The output is a single file with the error counts from each sample summed. And an additional column indicating the number of samples that containing the error is reported.

Bins

The aim is to create a model of errors. Many factors can be predictive of the likelihood of an error. The dimensionality is a consideration because if the data is too sparse, prediction is less reliable. Because we determine accuracy by the mapping, it is best to require a high mapping-quality. Therefore we limit to: Base-Quality, Sequence Context, Read, and Position in Read as described and binned below. With those binnings we have 15,000 possible combinations (5 * 6 * 2 * $read_length / $bin-size )

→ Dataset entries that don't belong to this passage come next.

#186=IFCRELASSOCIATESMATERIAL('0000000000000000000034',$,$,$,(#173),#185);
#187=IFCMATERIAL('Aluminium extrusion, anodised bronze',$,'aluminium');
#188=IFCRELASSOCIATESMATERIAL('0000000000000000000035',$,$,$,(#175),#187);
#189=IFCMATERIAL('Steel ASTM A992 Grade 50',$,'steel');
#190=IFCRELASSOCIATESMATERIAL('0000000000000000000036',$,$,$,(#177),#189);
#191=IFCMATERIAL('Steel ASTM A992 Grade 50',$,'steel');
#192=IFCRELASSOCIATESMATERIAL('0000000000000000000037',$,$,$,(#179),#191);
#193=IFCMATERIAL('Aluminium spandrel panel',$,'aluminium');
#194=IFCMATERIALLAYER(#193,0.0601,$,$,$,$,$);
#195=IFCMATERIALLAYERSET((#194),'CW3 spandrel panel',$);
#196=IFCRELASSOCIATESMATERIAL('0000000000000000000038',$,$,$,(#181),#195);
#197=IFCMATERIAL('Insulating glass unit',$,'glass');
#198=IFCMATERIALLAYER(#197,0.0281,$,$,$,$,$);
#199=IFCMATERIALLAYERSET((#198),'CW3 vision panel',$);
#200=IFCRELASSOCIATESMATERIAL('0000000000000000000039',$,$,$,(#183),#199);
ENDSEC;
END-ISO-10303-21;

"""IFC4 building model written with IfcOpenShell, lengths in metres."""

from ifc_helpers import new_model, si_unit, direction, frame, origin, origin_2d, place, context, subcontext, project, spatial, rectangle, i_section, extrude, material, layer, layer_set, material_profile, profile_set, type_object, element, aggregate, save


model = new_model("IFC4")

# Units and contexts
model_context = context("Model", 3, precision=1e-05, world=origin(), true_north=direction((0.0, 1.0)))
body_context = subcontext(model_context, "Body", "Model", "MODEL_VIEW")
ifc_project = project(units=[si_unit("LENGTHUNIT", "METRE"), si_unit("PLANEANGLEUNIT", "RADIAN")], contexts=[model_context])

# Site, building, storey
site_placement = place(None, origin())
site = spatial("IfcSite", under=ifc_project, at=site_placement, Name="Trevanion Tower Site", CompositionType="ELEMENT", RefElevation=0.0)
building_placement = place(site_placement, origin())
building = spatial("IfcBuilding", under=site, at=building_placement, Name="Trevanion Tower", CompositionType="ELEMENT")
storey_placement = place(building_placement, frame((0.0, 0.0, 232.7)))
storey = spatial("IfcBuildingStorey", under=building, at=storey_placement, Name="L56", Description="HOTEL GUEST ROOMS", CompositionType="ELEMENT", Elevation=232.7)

For each combination, while iterating over the bam, we store the number of errors and the number of total bases in each bin. These become, respectively, the numerator and denominator for the error-rate for that set of parameters.

Qualities (5)

Base-Qualities and Mapping Qualities will be binned to:

  1. 0-5
  2. 6-19
  3. 20 - 36,
  4. 37 - 59,
  5. 60+

This means that the quantized base-qualities from nova-seq (2, 12, 23 and 37) are each in separate bins. And other base-quality schemes are also paritioned sanely.

Sequence Context (6)

  1. C->A (G->T)
  2. C->G (G->C)
  3. C->T (G->A)
  4. T->A (A->T)
  5. T->C (A->G)
  6. T->G (A->C)

Read (2)

Read 1 or Read 2

Read Position (50)

read position is simply divided by 3. so bins of 3 bases.

vcfanno

To use the errors files with vcfanno:

bgzip fraguracy/fraguracy-19610X19-errors.bed
tabix fraguracy/fraguracy-19610X19-errors.bed.gz

echo '
[[annotation]]
file="fraguracy/fraguracy-19610X19-errors.bed.gz"
columns=[4, 5]
names=["frag_bq_bin", "frag_errors"]
ops=["first", "first"]
' > conf.toml

vcfanno conf.toml $vcf > annotated.vcf # annotated.vcf will have entries for `frag_bq_bin` and `frag_errors` where there was an error found that was also a variant in the VCF.